Quick docker based reader for udacity rosbag self-driving dataset. Dumps to png/jpg + csv or Tensorflow examples.
Switch branches/tags
Nothing to show
Clone or download



Scripts to read and dump data from the rosbag format used in the udacity self-driving dataset(s).

The scripts were setup to run within a Docker container so that I can extract the data from the rosbag format without needing to install ROS on my system. The docker container is built from the ROS kinetic-perception image. I've added python modules and the latest Tensorflow on top of that.

I'm currently running and testing this code on Ubuntu 16.04. No other platform has been tried.

Since the original release of this script, this latest iteration has been updated to support bag files with compressed images and bag files that have been split into multiple files by time or topics. With support for this, support for a reordering buffer was added to bag2tf.

The latest versions scan all bag files and extract their info in yaml format before doing a second pass to read the data, this adds some time but provides a mechanism for supporting the variety of bag formats and splits now being used in the datasets. The info yaml files are also dumped as part of the bagdump process.


Checkout this code and run in place.
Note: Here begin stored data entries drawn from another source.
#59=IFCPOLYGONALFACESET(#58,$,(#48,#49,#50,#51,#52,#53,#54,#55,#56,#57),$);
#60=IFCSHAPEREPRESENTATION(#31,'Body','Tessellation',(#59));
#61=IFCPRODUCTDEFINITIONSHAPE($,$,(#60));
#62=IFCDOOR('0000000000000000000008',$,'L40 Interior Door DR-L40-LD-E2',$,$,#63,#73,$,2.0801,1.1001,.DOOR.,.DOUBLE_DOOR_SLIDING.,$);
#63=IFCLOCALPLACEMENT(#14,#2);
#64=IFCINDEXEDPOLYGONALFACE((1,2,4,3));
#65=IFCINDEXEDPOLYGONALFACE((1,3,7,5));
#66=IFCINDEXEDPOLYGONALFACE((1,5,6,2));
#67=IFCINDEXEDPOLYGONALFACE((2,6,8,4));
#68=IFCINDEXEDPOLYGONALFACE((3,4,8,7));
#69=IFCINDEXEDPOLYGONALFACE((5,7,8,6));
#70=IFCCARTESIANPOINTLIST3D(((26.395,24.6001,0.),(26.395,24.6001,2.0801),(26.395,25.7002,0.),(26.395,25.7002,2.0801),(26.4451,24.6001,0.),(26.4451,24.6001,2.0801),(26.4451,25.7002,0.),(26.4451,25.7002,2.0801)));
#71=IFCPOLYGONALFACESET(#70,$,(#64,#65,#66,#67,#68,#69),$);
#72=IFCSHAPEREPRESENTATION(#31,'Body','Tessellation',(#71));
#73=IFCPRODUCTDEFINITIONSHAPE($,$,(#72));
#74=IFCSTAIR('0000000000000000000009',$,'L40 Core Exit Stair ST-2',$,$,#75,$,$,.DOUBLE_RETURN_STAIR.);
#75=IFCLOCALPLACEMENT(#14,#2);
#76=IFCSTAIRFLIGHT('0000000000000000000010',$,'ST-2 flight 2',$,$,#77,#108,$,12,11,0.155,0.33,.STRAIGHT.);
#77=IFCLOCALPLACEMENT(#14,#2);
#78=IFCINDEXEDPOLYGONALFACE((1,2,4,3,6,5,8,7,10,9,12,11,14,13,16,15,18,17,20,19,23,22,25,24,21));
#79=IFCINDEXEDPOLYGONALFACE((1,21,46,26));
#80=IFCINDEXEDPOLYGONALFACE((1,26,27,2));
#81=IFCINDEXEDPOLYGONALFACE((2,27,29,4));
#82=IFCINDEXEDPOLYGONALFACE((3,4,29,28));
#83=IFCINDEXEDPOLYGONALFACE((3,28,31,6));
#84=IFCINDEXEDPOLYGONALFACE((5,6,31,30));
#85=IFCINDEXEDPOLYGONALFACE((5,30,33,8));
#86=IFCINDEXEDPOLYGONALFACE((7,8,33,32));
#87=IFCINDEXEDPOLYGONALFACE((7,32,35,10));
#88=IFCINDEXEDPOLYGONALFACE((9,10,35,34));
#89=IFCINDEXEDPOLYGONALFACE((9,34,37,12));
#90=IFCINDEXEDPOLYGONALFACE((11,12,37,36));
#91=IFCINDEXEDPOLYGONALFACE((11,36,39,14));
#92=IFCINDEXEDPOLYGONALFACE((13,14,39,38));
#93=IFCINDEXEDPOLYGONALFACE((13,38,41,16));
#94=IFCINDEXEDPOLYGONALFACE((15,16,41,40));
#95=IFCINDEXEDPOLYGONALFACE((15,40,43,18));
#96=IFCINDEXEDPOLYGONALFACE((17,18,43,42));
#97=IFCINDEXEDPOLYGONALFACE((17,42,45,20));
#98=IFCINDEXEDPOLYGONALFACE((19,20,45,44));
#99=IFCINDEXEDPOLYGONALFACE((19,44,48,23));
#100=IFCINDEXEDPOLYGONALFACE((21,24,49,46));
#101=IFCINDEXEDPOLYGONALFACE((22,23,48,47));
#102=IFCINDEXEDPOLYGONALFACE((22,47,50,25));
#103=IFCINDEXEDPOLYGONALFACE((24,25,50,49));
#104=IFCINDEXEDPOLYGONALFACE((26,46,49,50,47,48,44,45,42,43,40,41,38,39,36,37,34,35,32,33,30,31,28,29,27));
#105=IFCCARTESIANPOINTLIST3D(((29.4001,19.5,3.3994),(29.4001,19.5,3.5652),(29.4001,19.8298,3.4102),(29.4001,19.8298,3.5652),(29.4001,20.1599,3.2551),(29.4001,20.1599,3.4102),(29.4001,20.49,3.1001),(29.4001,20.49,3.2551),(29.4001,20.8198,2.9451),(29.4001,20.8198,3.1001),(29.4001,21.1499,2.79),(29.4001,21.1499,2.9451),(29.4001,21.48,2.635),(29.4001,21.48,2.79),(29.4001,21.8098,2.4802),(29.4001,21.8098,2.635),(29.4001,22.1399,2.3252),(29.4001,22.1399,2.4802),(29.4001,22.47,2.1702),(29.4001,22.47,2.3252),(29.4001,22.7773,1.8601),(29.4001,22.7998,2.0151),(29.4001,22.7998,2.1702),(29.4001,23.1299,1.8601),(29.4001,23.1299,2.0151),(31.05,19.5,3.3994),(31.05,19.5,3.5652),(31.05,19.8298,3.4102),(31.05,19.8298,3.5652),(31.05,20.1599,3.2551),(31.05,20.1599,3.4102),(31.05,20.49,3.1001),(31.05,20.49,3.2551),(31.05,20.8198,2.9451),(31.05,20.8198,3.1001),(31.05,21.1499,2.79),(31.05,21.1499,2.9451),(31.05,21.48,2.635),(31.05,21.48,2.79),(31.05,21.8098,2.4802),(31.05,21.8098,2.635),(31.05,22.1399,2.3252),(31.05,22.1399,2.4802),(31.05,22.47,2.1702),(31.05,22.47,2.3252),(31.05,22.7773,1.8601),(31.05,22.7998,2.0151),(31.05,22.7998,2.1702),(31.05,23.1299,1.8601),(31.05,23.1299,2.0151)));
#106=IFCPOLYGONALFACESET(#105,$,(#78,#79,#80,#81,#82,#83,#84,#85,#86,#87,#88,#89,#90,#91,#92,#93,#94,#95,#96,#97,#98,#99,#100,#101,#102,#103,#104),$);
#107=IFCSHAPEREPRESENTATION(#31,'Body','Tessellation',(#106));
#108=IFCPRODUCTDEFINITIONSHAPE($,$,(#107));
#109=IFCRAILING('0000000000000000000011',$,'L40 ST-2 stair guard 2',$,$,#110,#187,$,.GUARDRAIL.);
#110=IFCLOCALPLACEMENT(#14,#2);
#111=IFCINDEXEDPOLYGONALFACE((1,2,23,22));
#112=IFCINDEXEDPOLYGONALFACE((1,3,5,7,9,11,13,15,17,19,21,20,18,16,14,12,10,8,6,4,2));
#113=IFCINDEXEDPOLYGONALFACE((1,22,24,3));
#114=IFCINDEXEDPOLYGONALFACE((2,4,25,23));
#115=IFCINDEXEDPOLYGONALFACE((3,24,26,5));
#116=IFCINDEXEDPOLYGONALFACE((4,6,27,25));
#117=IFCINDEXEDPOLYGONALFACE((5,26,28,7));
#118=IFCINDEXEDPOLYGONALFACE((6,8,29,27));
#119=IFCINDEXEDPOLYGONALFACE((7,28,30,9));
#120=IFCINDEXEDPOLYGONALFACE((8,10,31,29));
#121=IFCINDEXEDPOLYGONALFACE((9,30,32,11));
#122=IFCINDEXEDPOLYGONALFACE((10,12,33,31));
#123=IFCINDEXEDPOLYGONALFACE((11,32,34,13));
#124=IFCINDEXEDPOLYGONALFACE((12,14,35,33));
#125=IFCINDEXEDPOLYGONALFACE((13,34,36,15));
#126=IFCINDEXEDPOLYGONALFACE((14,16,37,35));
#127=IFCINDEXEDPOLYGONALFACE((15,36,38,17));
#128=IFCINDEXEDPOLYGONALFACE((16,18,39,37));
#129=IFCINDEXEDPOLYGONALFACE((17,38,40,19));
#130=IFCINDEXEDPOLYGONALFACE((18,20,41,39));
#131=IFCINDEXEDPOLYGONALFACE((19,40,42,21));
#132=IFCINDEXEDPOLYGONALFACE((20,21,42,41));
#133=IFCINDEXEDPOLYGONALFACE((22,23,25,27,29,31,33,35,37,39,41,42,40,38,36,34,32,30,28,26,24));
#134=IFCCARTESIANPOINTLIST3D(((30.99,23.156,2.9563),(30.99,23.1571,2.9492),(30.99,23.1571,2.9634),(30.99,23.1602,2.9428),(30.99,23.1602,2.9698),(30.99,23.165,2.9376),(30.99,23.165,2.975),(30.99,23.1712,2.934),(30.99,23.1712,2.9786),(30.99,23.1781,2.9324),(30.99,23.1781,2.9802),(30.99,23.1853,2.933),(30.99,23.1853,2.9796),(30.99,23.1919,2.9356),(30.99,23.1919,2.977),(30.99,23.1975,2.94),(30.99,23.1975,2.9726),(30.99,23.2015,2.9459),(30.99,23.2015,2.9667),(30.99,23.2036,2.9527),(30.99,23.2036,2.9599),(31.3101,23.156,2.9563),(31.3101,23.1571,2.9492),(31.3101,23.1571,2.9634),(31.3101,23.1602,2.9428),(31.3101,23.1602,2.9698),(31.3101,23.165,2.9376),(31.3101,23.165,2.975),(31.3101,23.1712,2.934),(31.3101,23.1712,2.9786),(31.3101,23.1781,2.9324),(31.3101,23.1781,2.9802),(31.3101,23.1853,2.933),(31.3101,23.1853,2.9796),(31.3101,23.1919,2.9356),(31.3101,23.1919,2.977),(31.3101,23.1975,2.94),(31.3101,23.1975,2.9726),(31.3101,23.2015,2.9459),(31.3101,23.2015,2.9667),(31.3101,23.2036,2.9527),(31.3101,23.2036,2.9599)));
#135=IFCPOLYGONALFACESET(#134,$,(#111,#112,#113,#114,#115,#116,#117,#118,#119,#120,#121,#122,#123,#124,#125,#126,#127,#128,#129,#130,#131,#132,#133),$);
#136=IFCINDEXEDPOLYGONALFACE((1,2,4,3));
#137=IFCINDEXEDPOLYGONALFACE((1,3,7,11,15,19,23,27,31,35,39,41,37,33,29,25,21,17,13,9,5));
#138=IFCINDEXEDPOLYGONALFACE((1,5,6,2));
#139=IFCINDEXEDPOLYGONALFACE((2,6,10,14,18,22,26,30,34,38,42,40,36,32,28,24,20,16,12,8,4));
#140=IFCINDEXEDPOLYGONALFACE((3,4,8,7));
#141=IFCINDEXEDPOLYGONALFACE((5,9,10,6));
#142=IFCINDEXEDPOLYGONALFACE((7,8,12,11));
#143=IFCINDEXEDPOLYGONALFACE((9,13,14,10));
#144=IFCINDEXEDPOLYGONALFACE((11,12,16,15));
I have not pushed docker container to hub.


Build the docker container manually or using ./build.sh

Run one of the run scripts for dumping to images + csv or Tensorflow sharded records files.

This and future versions of the scripts expect all datasets to exist in SEPARATE folders with only bag files for the same dataset in each folder. The input folder should thus be a folder with one folder per dataset. The bagdump script will mirror those input folders in the output, while the bag2tf will combine them all into one sharded stream.

Dump to images + CSV

./run-bagdump.sh -i [local dir with folders containing bag files] -o [local output dir] -- [args to pass to python script]

For example, if your dataset bags are in /data/dataset2-1/dataset.bag, /data/udacity-datasetElCamino/*.bag etc., and you'd like the output in /output:

./run-bagdump.sh -i /data -o /output

The same as above, but you want to convert to png instead of jpg:

./run-bagdump.sh -i /data -o /output -- -f png

Dump to Tensorflow sharded files

Same basic arguments as for bagdump above. There are some additional arguments of note to pass to the python script.

The default arguments write all cameras into the same sharded stream along with latest steering entry. To write images to three separate streams, one for each camera, add an -s (or --separate) argument.


./run-bag2tf.sh -i /data -o /output -- --separate


The paths the python script operates on are relative to the docker container, your local paths are intended to be passed by mapping to docker volumes. Keep this in mind if you try to change the outdir or bagfile arguments to the python script from the defaults.


Some issues with the readtf.py reading test script. The TF queue is not closing after one pass through.